Concord, NH – (NHDES) urges residents to be cautious with the use of strong antibacterial cleaning materials and disposing of those materials in septic systems. Introducing large volumes of these cleaning agents to septic system can have detrimental effect on the bacteria that are vital to the function of a healthy system. Without the essential bacteria in a septic tank and/or in the effluent disposal area (leachfield) the system will prematurely fail resulting in the system having to be replaced. Replacing a system in failure can be a very expensive undertaking that could be avoided with careful and proper use.

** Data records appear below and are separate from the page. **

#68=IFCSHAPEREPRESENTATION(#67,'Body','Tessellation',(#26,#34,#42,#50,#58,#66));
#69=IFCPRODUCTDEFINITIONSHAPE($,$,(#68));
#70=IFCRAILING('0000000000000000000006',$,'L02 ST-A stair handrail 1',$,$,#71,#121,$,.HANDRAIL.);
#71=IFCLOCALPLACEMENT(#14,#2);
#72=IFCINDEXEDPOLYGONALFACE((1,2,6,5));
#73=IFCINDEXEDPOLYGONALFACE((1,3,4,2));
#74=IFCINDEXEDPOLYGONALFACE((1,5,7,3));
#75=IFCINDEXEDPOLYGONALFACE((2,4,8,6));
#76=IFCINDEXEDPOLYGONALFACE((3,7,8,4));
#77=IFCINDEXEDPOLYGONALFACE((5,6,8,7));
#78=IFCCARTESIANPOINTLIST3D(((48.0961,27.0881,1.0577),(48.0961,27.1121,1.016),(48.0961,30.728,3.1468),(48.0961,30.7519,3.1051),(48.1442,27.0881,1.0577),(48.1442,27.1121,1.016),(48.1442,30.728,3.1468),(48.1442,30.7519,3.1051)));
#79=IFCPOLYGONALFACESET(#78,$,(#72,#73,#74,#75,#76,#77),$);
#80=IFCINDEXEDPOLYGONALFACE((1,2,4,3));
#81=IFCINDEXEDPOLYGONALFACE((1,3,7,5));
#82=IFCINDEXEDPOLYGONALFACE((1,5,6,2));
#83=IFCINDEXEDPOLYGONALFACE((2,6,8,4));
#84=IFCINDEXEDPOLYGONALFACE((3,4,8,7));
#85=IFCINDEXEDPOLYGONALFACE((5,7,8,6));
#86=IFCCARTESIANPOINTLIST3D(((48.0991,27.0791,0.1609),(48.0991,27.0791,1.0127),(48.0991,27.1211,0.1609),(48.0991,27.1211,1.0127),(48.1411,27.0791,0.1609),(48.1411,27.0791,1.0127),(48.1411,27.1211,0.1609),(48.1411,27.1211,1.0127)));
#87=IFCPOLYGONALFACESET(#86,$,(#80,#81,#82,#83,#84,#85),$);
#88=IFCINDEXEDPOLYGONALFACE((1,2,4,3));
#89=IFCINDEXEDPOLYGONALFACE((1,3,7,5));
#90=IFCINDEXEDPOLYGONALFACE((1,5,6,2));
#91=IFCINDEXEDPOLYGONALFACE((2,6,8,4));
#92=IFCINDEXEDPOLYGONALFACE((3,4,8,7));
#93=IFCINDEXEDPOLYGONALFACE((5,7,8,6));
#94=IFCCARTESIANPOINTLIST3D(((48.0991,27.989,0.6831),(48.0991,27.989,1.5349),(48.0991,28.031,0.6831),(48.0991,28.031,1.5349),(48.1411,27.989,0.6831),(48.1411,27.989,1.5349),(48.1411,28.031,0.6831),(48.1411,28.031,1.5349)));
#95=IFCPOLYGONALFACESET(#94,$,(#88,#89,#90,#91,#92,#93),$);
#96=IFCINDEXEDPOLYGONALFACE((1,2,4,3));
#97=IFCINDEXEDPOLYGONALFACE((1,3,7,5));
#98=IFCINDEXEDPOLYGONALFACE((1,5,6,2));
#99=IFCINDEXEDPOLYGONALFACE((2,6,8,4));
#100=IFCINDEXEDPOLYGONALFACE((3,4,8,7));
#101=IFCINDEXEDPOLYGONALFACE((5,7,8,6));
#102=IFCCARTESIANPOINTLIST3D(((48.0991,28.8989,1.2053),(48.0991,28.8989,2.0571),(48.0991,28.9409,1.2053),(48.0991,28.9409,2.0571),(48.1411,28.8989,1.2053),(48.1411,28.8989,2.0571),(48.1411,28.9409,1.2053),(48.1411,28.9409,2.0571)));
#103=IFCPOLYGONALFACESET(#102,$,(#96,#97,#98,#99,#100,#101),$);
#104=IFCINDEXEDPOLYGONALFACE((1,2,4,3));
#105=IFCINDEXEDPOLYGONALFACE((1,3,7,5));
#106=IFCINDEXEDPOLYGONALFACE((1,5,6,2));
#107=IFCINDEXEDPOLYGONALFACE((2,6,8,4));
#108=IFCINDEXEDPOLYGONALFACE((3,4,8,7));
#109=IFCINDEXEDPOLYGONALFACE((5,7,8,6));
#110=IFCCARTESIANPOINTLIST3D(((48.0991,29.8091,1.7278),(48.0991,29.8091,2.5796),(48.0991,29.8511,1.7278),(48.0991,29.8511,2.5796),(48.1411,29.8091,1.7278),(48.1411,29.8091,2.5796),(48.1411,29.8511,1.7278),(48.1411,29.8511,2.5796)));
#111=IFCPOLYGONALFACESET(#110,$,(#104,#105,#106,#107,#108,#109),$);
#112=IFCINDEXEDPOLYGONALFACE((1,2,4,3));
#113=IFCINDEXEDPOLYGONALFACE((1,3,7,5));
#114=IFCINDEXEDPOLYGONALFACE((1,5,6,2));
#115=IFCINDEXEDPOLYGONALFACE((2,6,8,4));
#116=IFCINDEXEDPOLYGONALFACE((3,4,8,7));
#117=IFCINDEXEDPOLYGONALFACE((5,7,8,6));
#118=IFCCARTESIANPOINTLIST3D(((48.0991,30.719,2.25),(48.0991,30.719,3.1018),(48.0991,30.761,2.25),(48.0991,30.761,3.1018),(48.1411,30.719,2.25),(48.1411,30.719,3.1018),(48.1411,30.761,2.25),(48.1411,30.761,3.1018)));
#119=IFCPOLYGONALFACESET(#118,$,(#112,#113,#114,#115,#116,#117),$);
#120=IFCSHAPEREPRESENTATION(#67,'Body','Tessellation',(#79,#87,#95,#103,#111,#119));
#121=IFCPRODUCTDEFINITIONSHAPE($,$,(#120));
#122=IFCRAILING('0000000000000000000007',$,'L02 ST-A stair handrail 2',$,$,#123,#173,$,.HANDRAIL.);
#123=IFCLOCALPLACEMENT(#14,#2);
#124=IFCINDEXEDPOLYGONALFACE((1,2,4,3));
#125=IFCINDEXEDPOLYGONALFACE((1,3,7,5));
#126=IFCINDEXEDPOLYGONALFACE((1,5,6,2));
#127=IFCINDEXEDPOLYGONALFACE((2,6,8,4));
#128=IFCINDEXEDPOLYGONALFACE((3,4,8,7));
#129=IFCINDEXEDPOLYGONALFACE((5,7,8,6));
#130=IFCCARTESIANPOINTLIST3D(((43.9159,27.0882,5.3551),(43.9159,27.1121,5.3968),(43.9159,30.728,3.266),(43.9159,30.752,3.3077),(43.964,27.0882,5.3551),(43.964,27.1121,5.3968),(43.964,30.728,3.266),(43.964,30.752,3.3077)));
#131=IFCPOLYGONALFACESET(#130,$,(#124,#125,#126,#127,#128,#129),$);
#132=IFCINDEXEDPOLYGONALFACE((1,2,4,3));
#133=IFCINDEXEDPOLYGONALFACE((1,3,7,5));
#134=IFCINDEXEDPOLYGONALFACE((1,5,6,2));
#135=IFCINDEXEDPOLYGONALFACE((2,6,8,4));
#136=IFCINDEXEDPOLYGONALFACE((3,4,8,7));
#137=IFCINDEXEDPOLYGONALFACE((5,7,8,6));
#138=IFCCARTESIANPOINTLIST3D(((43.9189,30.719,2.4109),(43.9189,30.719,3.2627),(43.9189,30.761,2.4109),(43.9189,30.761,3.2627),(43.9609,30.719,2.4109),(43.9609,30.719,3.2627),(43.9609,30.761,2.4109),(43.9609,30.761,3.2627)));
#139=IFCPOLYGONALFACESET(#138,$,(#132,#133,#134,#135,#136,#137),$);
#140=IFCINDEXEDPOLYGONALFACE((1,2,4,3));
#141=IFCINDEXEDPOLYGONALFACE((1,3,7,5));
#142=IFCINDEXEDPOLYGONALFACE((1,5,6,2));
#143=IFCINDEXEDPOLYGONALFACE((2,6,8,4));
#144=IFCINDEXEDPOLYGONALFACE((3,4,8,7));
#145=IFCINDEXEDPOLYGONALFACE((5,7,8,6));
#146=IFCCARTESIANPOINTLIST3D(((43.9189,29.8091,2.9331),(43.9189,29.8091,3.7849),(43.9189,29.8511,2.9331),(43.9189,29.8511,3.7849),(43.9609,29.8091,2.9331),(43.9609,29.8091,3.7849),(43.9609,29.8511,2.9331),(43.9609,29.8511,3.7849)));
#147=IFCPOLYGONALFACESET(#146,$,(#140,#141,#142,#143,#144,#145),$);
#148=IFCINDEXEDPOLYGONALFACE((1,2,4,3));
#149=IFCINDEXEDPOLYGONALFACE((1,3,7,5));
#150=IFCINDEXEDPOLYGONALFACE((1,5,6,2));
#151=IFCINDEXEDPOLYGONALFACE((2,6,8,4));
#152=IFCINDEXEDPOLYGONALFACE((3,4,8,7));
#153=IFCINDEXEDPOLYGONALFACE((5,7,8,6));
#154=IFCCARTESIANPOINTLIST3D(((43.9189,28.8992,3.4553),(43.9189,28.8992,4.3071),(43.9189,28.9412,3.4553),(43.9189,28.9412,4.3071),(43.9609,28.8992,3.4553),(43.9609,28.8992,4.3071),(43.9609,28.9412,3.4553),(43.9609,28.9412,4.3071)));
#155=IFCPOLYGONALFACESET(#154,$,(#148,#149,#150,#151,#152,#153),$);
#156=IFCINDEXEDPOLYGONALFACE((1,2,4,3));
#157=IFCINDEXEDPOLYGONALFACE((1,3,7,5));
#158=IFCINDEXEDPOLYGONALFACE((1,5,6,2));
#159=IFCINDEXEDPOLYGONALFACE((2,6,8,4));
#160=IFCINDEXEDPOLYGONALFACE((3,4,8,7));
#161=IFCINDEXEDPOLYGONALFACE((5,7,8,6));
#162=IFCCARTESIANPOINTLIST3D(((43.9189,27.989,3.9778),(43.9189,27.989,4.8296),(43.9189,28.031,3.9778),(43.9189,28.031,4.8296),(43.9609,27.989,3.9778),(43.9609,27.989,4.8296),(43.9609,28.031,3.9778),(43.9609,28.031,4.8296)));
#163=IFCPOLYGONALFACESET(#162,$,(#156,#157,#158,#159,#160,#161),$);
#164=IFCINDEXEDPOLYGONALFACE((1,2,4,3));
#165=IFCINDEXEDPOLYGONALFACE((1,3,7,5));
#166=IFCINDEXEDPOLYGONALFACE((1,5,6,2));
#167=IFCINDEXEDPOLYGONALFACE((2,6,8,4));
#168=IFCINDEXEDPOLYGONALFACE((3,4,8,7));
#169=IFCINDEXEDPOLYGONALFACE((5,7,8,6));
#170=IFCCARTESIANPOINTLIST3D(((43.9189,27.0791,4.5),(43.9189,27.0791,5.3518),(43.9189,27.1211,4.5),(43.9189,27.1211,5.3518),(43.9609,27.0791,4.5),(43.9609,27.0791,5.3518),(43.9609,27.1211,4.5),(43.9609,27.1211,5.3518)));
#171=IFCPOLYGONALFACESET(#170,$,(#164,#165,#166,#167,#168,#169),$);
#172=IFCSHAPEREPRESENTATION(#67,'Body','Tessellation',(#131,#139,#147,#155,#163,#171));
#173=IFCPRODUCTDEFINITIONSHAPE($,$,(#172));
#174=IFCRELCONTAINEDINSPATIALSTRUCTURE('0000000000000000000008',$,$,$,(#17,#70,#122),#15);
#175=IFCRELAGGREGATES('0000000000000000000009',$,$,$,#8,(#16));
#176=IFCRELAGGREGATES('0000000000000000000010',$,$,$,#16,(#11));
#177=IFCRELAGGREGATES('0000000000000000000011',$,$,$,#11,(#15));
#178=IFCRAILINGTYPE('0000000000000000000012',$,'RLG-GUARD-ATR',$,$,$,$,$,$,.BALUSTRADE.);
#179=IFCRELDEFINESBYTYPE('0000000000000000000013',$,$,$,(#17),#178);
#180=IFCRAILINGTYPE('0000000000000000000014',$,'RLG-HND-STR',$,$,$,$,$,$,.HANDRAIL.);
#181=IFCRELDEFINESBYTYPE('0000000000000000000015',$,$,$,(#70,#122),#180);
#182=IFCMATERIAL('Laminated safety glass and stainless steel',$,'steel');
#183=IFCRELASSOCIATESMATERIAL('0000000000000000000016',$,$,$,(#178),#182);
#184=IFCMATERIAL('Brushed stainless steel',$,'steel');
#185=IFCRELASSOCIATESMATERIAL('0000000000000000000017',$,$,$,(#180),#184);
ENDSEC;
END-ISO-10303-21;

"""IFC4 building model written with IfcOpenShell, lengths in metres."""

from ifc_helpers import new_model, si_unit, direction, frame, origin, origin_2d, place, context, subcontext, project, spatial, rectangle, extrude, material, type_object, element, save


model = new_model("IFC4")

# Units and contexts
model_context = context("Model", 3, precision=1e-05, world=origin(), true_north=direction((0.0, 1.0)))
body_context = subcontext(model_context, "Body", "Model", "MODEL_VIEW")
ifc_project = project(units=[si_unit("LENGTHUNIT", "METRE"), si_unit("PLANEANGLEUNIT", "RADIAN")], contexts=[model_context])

NHDES has noticed increased percentage of applications to replace failed individual sewage disposal systems (septic systems) over that last few months as compared to 2019. During the spring months, NHDES normally receives higher numbers of applications for the replacement of failed systems most likely due to amount of rain and snow melt. However, this year due to the coronavirus pandemic, many people are now working remotely from home. A hydraulic overload on systems (too much water) resulting from the increased use of home septic systems may be contributing to the increased number of failures. Equally important to consider is the disposal of strong cleaning materials in septic systems. The Centers for Disease Control and Prevention, and the New Hampshire State Government encourage regular personal hygiene and extensive cleaning of homes and businesses to deter the spread of the virus, but be careful as to the amount of these cleaning solutions go down the drain to your septic system.